HCL-V and classic hairy cell leukaemia are both chronic leukaemias and they develop slowly from cells called B lymphocytes. 

B lymphocytes are a type of white blood cell that fights infection. When you have hairy cell leukaemia, the body makes too many B lymphocytes. These B cells aren’t normal and can’t fight infections properly. If you look at the cells under a microscope you can see tiny, hair-like, outgrowths on their surface.

HCL-V cells:

  • are usually smaller than classic hairy leukaemia cells
  • have different genetic material in the cells
  • respond differently to treatment

HCL-V is less common than classic hairy cell leukaemia. It can develop at any age, but it is more common in older people.

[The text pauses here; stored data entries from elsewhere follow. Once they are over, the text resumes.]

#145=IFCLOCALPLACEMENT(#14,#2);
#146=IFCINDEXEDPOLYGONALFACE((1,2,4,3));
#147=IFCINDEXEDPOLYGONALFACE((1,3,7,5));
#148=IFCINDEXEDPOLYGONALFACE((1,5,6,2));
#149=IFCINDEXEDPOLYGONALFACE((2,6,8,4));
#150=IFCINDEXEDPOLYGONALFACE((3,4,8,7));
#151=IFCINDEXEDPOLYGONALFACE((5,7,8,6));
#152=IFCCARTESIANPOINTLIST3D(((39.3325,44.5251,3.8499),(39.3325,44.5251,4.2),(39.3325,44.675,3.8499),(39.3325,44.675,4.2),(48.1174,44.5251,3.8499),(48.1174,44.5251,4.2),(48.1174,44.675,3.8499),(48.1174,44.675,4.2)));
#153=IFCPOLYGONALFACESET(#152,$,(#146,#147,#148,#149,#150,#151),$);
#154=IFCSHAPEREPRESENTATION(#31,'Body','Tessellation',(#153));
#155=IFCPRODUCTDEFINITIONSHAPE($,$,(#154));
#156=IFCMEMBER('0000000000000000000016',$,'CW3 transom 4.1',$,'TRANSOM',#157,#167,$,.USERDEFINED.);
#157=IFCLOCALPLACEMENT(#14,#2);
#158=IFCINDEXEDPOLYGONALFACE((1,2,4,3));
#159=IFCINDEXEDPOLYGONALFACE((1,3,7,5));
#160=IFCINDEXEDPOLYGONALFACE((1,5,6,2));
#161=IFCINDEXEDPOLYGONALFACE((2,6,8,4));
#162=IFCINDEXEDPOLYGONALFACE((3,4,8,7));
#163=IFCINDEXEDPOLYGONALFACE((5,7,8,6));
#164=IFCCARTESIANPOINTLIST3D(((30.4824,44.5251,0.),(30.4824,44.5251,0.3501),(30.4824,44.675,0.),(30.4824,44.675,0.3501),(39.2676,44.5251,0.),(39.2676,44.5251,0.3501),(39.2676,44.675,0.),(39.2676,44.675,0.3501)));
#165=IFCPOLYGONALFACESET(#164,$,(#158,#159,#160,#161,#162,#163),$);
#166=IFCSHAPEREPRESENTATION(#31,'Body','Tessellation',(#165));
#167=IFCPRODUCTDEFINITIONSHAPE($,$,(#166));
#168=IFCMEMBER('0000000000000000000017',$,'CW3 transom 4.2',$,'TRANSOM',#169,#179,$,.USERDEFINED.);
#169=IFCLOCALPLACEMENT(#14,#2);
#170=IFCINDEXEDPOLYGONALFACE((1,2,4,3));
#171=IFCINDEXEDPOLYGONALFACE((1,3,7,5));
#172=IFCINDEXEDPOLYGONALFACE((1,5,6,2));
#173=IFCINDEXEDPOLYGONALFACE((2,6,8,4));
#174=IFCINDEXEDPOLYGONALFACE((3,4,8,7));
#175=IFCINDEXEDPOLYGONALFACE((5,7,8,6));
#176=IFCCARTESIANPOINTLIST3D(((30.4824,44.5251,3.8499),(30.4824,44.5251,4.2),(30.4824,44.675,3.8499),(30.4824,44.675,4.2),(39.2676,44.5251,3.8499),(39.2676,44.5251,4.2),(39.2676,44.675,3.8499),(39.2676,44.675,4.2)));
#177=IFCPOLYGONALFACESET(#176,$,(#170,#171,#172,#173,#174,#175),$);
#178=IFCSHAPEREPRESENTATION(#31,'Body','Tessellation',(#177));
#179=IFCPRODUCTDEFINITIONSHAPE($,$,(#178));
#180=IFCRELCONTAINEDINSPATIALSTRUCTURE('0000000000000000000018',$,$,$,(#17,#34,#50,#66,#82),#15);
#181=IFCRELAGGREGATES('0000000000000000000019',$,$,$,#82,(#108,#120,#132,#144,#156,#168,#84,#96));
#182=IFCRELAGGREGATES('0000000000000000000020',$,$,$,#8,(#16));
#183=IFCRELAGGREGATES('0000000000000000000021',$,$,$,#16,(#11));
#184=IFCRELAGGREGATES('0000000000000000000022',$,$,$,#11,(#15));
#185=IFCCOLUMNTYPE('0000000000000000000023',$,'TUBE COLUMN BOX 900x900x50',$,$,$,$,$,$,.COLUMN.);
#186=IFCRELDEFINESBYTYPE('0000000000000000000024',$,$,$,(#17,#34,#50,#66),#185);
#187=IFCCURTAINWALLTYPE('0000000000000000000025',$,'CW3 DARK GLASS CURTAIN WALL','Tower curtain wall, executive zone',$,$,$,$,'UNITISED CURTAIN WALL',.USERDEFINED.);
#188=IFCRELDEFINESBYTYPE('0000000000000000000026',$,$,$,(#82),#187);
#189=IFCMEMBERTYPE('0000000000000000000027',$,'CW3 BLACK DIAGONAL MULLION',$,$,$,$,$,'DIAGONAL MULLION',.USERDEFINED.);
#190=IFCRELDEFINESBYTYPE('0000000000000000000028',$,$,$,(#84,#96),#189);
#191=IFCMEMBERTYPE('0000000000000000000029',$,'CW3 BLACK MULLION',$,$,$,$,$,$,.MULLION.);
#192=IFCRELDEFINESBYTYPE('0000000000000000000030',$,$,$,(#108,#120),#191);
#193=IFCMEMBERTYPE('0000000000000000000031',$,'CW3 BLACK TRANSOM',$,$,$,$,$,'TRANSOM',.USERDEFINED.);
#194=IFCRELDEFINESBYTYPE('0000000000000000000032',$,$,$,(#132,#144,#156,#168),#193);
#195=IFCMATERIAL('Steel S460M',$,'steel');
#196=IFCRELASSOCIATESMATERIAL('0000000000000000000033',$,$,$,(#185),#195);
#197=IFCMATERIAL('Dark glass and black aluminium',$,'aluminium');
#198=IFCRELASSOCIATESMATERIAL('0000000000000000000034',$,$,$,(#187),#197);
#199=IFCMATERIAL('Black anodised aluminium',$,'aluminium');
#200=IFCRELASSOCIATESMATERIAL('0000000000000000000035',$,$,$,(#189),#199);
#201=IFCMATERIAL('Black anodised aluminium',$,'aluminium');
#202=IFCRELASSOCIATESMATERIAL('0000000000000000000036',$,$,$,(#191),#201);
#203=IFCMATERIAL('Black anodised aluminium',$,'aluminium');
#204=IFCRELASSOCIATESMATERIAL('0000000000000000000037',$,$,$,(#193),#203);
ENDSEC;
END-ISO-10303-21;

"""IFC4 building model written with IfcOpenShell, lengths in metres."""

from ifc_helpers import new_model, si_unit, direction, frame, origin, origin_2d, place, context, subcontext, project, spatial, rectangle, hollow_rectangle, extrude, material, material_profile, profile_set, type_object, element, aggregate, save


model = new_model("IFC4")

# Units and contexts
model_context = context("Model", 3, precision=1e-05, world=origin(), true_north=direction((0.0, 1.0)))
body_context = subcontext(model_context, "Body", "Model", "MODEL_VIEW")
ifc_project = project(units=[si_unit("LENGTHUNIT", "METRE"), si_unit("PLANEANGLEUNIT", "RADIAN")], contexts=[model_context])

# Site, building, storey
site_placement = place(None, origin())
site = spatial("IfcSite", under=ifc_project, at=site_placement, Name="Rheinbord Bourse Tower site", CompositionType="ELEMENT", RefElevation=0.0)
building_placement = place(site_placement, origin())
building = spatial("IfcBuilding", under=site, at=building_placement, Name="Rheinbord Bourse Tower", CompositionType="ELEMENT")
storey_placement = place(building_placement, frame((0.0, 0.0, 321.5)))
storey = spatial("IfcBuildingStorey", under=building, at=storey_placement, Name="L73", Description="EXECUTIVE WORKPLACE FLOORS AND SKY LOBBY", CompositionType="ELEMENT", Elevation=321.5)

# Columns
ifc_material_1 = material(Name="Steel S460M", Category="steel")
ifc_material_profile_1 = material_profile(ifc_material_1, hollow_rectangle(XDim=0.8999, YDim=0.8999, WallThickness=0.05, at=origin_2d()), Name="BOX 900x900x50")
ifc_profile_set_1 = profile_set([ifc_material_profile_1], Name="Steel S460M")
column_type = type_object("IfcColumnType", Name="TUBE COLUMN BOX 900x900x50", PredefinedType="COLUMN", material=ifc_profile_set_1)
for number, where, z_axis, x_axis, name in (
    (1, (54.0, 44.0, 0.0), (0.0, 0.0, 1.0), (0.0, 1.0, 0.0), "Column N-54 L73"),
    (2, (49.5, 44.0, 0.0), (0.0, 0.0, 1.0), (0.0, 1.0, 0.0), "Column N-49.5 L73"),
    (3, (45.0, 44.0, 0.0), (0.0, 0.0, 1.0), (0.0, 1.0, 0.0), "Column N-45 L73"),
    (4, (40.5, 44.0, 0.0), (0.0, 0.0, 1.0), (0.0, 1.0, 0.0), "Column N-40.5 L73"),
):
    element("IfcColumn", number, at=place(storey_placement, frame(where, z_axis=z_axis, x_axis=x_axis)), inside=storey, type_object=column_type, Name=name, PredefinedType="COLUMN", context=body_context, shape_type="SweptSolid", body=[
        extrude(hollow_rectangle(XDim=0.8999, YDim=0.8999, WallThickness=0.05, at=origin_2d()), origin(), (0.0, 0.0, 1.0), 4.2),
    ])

The symptoms of HCL-V are the same as for classic hairy cell leukaemia. They include:

  • a swollen tummy (abdomen) due to a bigger (enlarged) spleen
  • frequent infections
  • tiredness and breathlessness due to low levels of red blood cells (anaemia)
  • bleeding and bruising due to low levels of platelets (platelets are important for blood clotting)

Getting diagnosed

Your doctor will examine you and arrange blood tests to check your general health. Other tests include:

  • bone marrow tests
  • an ultrasound scan or a CT scan

The blood tests show how many blood cells you have and whether they are normal. Tests usually show a high white blood cell count.

You also have tests to look at the bone marrow cells. The bone marrow tests can show whether you have HCL-V or classic hairy cell leukaemia.

You might have tests to look for anything unusual in the chromosomes of the leukaemia cells. Chromosomes contain the genetic material inside cells. These tests are called cytogenetics (pronounced sigh-toe gen-et-ics).

The ultrasound scan or CT scan will show whether your spleen is enlarged and if you have any swollen lymph nodes.

Treatment options

If you don't have any symptoms you probably won’t need to start treatment immediately. Some people don’t need to start treatment for a number of years. Instead you have regular check-ups. Doctors call this watch and wait.

You have treatment if your blood cell levels change or if you develop symptoms. Your treatment will depend upon:

  • how far your leukaemia has developed
  • your symptoms
  • your general health and level of fitness

Doctors are still trying to find the best treatments for HCL-V.

Treatment options include:

  •  surgery to remove your spleen
  • a targeted drug (such as rituximab) combined with chemotherapy



Many people with HCL-V have an enlarged spleen. The spleen filters the blood and breaks down worn out red blood cells. It also gets rid of bacteria and dead tissue. In HCL-V the spleen can get so clogged up with cells it can’t work properly.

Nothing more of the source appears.